Change in insurance landscape

The insurance landscape is shifting as insurers revaluate coverage in a fast-changing environment. On one hand, increasingly severe natural disasters driven by climate change are leading to higher premiums, stricter exclusions, and reduced availability of coverage for events like floods, wildfires, and hurricanes. At the same time, the escalating frequency and sophistication of cyberattacks are prompting insurers to tighten policy terms, lower limits, and introduce exclusions for specific cyber outcomes (e.g., impact on physical assets). Additionally, heightened regulatory scrutiny and litigation risks related to environmental legal claims (e.g., concentration of chemical components) are causing insurers to reevaluate liability coverage, raising premiums or limiting options for affected industries.

• The overall shift in insurance policies drives up expenses associated with securing adequate coverage or addressing existing risks, meaning that EDP will have a higher cost with insurance premiums and/or decrease the ability to mitigate risk through insurance.
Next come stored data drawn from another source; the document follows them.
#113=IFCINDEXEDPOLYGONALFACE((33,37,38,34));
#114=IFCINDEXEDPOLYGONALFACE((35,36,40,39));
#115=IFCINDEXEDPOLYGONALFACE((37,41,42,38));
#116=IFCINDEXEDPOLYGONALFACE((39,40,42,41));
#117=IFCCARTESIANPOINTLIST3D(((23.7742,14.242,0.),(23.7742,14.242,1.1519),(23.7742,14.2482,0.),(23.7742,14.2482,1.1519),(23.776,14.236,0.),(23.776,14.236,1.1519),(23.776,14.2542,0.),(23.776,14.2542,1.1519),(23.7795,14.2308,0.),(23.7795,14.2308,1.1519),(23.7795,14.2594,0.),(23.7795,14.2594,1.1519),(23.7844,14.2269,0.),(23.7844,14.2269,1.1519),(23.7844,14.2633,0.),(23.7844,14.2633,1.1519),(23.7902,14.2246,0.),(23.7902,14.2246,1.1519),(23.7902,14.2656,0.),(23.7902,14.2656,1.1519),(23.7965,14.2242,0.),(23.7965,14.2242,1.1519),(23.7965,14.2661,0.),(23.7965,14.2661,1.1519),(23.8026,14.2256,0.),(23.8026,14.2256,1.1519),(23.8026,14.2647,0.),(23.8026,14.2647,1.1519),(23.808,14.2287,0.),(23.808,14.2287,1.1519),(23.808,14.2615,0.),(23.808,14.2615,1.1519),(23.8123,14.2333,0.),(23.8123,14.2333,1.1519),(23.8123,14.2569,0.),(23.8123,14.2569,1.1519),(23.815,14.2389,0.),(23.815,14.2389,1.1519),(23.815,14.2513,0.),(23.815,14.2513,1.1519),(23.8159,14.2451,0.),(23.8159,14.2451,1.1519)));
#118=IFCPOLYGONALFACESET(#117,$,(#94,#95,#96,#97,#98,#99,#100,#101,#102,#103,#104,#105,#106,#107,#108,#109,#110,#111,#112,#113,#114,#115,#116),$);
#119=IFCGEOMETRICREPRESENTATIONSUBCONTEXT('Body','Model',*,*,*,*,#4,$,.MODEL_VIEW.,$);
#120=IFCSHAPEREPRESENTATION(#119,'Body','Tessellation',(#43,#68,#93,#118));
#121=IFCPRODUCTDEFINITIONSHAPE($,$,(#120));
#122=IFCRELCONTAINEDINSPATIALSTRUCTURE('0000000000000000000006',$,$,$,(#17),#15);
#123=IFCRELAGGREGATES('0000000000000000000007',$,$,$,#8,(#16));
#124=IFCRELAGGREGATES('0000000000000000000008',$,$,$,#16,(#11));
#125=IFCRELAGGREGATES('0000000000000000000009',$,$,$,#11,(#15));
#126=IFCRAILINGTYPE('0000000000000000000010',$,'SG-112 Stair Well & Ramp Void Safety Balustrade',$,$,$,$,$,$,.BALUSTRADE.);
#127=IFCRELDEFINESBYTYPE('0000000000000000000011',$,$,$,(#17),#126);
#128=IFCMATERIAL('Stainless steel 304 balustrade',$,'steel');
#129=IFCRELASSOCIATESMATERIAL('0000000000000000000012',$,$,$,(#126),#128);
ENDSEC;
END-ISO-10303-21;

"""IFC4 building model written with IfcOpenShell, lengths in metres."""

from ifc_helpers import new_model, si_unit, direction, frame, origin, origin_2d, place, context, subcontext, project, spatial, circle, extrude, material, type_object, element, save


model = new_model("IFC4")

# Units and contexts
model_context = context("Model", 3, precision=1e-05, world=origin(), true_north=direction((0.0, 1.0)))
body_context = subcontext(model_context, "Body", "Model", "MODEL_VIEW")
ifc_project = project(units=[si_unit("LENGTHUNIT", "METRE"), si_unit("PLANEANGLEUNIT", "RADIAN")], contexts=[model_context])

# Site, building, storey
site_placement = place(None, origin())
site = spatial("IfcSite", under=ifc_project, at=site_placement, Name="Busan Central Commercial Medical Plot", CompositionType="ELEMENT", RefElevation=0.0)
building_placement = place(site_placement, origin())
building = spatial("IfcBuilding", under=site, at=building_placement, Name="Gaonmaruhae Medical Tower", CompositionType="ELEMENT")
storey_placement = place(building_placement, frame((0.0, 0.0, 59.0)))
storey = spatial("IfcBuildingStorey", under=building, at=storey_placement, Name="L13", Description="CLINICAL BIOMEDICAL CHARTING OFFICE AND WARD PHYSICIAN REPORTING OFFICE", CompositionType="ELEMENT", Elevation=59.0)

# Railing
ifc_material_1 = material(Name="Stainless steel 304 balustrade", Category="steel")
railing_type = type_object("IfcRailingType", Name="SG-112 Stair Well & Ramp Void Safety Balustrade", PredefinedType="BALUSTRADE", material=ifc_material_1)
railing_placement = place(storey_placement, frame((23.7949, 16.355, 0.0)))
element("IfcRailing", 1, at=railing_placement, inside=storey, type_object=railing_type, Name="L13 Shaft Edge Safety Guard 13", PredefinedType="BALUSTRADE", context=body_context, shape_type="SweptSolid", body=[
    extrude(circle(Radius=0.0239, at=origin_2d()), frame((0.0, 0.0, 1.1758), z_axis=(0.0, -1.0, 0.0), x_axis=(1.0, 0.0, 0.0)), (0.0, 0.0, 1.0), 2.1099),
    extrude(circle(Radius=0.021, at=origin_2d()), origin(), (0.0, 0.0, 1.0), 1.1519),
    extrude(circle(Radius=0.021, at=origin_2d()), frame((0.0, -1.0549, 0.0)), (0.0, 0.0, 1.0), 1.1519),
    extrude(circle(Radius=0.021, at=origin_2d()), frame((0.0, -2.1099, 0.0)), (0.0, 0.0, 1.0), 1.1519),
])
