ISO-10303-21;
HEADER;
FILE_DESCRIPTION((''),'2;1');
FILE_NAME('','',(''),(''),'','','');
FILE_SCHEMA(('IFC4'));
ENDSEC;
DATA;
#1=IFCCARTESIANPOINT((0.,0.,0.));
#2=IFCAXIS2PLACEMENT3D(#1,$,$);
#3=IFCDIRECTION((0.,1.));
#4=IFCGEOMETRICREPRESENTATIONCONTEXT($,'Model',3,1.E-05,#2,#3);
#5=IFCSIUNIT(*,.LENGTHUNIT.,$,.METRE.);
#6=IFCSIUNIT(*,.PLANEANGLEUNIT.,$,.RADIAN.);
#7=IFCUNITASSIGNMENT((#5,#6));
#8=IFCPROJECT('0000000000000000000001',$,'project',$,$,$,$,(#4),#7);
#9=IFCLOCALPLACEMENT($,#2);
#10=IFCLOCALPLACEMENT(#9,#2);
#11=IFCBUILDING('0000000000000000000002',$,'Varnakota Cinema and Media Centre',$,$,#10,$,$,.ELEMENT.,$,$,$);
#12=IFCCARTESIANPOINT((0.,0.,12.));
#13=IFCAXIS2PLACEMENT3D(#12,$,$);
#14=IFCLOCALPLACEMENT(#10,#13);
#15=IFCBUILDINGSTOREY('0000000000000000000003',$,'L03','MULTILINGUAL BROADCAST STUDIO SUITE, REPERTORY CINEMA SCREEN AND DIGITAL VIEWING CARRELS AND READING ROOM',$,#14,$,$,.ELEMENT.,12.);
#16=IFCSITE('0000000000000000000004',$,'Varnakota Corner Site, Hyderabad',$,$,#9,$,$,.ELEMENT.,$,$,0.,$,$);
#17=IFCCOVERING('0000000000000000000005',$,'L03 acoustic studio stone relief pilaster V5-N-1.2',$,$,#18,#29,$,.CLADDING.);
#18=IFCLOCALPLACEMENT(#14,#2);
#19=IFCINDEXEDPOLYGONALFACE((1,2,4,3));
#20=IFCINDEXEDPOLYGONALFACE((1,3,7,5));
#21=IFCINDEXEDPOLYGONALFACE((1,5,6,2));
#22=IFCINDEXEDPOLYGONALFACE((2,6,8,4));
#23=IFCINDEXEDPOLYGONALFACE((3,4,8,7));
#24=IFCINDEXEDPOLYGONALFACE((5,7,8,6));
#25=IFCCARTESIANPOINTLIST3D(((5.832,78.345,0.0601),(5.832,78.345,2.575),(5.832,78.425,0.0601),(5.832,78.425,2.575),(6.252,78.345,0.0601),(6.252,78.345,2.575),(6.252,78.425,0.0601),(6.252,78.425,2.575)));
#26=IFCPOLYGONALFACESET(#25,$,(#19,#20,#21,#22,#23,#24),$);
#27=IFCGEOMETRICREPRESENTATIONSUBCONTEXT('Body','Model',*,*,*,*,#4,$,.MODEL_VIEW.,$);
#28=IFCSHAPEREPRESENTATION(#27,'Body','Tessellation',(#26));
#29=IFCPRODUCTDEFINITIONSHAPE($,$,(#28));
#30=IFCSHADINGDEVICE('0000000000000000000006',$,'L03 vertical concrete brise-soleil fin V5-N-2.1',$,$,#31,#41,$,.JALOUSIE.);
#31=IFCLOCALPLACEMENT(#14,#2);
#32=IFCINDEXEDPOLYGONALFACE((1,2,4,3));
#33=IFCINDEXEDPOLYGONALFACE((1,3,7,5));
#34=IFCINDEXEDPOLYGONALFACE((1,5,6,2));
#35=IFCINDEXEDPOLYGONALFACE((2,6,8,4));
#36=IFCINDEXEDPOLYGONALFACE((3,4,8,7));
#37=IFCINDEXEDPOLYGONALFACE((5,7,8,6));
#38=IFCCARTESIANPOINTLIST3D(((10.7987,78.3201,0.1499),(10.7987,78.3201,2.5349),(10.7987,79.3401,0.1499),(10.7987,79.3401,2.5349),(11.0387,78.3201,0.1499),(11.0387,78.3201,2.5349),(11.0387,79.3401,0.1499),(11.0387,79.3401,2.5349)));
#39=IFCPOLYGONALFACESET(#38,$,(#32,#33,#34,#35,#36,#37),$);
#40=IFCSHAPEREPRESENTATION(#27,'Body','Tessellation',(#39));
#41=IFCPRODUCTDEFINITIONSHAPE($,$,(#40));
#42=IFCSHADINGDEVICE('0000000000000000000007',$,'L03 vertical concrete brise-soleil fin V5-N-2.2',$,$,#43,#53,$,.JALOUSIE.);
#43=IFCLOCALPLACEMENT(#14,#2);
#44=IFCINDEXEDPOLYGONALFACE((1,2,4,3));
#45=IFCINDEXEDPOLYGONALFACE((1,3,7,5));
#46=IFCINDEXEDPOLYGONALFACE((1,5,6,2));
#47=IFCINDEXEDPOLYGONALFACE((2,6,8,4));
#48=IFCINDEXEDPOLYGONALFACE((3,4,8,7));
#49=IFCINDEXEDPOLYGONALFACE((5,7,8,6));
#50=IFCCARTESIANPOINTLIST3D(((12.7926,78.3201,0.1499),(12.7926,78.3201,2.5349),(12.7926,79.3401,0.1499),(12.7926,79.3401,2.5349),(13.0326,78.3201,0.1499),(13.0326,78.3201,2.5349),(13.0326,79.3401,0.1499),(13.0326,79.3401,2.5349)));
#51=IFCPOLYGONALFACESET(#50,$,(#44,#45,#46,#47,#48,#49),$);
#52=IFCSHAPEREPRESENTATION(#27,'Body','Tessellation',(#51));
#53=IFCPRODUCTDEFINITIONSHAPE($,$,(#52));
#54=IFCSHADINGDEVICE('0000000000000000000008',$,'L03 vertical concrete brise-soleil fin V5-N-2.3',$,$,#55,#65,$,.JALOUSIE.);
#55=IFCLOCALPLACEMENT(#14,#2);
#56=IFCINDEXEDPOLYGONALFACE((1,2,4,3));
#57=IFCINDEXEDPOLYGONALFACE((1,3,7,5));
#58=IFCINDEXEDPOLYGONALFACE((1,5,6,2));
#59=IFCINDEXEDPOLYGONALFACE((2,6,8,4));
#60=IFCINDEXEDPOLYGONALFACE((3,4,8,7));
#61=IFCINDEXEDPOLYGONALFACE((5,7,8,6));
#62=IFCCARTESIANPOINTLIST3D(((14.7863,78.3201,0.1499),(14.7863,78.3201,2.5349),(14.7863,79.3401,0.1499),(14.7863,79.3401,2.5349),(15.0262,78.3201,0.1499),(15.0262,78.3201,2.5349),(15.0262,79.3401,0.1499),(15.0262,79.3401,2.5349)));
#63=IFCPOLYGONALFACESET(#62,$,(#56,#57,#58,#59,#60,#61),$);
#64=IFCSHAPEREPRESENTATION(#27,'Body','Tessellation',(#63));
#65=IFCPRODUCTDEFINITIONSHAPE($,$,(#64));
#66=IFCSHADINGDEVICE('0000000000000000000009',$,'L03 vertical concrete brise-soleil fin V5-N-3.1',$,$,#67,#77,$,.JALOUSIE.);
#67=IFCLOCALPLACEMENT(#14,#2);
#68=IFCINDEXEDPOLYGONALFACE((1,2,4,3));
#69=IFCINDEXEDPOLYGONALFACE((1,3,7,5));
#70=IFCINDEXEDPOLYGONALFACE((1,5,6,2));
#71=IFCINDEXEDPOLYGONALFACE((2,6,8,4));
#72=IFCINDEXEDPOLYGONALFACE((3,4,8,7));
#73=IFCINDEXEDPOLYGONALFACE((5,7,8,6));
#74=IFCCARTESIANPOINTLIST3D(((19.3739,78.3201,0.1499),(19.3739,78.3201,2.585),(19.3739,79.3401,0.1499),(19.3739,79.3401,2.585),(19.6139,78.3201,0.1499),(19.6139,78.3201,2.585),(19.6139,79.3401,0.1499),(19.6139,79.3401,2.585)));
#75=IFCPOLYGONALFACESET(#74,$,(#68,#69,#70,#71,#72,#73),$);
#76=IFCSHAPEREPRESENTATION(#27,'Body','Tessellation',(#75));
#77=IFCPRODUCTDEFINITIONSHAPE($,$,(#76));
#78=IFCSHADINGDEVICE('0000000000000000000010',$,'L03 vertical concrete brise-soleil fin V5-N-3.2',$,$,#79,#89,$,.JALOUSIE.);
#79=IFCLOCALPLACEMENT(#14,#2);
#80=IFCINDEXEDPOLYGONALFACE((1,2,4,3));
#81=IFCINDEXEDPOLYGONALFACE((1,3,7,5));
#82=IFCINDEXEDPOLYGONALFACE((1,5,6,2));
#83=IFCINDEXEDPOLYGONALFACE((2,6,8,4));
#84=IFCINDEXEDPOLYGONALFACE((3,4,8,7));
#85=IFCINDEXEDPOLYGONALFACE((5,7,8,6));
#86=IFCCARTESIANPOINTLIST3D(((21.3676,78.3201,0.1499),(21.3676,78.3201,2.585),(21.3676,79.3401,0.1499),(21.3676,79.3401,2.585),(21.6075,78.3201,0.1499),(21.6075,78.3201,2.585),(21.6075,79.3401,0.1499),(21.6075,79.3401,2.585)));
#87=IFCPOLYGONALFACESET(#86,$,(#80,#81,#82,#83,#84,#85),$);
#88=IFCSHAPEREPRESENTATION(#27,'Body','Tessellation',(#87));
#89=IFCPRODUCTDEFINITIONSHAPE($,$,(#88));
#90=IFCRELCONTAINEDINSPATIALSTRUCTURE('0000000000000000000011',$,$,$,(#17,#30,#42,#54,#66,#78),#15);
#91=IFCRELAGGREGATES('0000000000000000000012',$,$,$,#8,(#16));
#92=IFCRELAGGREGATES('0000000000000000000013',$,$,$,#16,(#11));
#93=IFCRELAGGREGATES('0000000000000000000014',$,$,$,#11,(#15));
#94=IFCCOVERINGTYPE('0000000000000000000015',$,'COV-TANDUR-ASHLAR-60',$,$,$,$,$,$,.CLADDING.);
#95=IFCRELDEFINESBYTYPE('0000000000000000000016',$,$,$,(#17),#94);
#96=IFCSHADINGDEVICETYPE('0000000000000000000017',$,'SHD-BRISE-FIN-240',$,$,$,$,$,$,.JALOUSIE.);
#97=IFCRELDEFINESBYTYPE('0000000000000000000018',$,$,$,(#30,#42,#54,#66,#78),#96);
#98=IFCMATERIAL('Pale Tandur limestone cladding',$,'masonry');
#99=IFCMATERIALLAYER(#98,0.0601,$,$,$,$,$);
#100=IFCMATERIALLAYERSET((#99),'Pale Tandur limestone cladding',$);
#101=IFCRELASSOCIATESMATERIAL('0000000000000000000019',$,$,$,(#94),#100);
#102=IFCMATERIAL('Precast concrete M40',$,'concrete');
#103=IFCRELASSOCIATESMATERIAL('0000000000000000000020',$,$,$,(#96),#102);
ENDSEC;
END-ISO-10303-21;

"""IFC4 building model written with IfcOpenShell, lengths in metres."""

from ifc_helpers import new_model, si_unit, direction, frame, origin, origin_2d, place, context, subcontext, project, spatial, rectangle, extrude, material, layer, layer_set, type_object, element, save


model = new_model("IFC4")

# Units and contexts
model_context = context("Model", 3, precision=1e-05, world=origin(), true_north=direction((0.0, 1.0)))
body_context = subcontext(model_context, "Body", "Model", "MODEL_VIEW")
ifc_project = project(units=[si_unit("LENGTHUNIT", "METRE"), si_unit("PLANEANGLEUNIT", "RADIAN")], contexts=[model_context])

# Site, building, storey
site_placement = place(None, origin())
site = spatial("IfcSite", under=ifc_project, at=site_placement, Name="Varnakota Corner Site, Hyderabad", CompositionType="ELEMENT", RefElevation=0.0)
building_placement = place(site_placement, origin())
building = spatial("IfcBuilding", under=site, at=building_placement, Name="Varnakota Cinema and Media Centre", CompositionType="ELEMENT")
storey_placement = place(building_placement, frame((0.0, 0.0, 12.0)))
storey = spatial("IfcBuildingStorey", under=building, at=storey_placement, Name="L03", Description="MULTILINGUAL BROADCAST STUDIO SUITE, REPERTORY CINEMA SCREEN AND DIGITAL VIEWING CARRELS AND READING ROOM", CompositionType="ELEMENT", Elevation=12.0)

# Covering
ifc_material_1 = material(Name="Pale Tandur limestone cladding", Category="masonry")
ifc_layer_1 = layer(ifc_material_1, 0.0601)
ifc_layer_set_1 = layer_set([ifc_layer_1], Name="Pale Tandur limestone cladding")
covering_type = type_object("IfcCoveringType", Name="COV-TANDUR-ASHLAR-60", PredefinedType="CLADDING", material=ifc_layer_set_1)
for number, where, z_axis, x_axis, name in (
    (1, (6.042, 78.385, 0.0601), (0.0, 0.0, 1.0), (1.0, 0.0, 0.0), "L03 acoustic studio stone relief pilaster V5-N-1.2"),
):
    element("IfcCovering", number, at=place(storey_placement, frame(where, z_axis=z_axis, x_axis=x_axis)), inside=storey, type_object=covering_type, Name=name, PredefinedType="CLADDING", context=body_context, shape_type="SweptSolid", body=[
        extrude(rectangle(XDim=0.4199, YDim=0.0801, at=origin_2d()), origin(), (0.0, 0.0, 1.0), 2.5149),
    ])

# Shading devices
ifc_material_2 = material(Name="Precast concrete M40", Category="concrete")
shading_device_type = type_object("IfcShadingDeviceType", Name="SHD-BRISE-FIN-240", PredefinedType="JALOUSIE", material=ifc_material_2)
for number, where, z_axis, x_axis, name in (
    (2, (10.9187, 78.8301, 0.1499), (0.0, 0.0, 1.0), (1.0, 0.0, 0.0), "L03 vertical concrete brise-soleil fin V5-N-2.1"),
    (3, (12.9126, 78.8301, 0.1499), (0.0, 0.0, 1.0), (1.0, 0.0, 0.0), "L03 vertical concrete brise-soleil fin V5-N-2.2"),
    (4, (14.9062, 78.8301, 0.1499), (0.0, 0.0, 1.0), (1.0, 0.0, 0.0), "L03 vertical concrete brise-soleil fin V5-N-2.3"),
):
    element("IfcShadingDevice", number, at=place(storey_placement, frame(where, z_axis=z_axis, x_axis=x_axis)), inside=storey, type_object=shading_device_type, Name=name, PredefinedType="JALOUSIE", context=body_context, shape_type="SweptSolid", body=[
        extrude(rectangle(XDim=0.24, YDim=1.02, at=origin_2d()), origin(), (0.0, 0.0, 1.0), 2.385),
    ])
for number, where, z_axis, x_axis, name in (
    (5, (19.4939, 78.8301, 0.1499), (0.0, 0.0, 1.0), (1.0, 0.0, 0.0), "L03 vertical concrete brise-soleil fin V5-N-3.1"),
    (6, (21.4875, 78.8301, 0.1499), (0.0, 0.0, 1.0), (1.0, 0.0, 0.0), "L03 vertical concrete brise-soleil fin V5-N-3.2"),
):
    element("IfcShadingDevice", number, at=place(storey_placement, frame(where, z_axis=z_axis, x_axis=x_axis)), inside=storey, type_object=shading_device_type, Name=name, PredefinedType="JALOUSIE", context=body_context, shape_type="SweptSolid", body=[
        extrude(rectangle(XDim=0.24, YDim=1.02, at=origin_2d()), origin(), (0.0, 0.0, 1.0), 2.4351),
    ])

save(model, "model.ifc")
• Lack of protection for insurance also leads to additional costs with infrastructure fortification for EDP assets, advanced cybersecurity measures, and alternative risk transfer mechanisms to mitigate gaps in coverage and ensure business continuity.

• Boost Infrastructure Resilience against extreme weather events to reduce vulnerability/potential damages;

• Ensure assets in bundles (geographies/types of assets) to ensure all assets/risks are included;

• Work with insurers to avoid inappropriate risk premiums/exclusions;

• Apply robust cybersecurity measures (advanced threat detection systems, regular vulnerability assessments, training);

• Diversify Risk Transfer Strategies (catastrophe bonds, captives, risk-sharing partnerships) to offset traditional insurance coverage gaps;

• Boost Risk Assessment/Planning (regular risk analysis, advanced analytics) to anticipate/prepare for threats (climate, cyber, liability risks);

• Engage in Stakeholder Collaboration (insurers/peers) to defend fair/sustainable insurance solutions;

• Increase Compliance/Safety Standards to minimize liability risks of hazardous substances/chemical components;

• Build Financial Reserves for Self-Insurance against high-prob. risks reducing reliance on external coverage.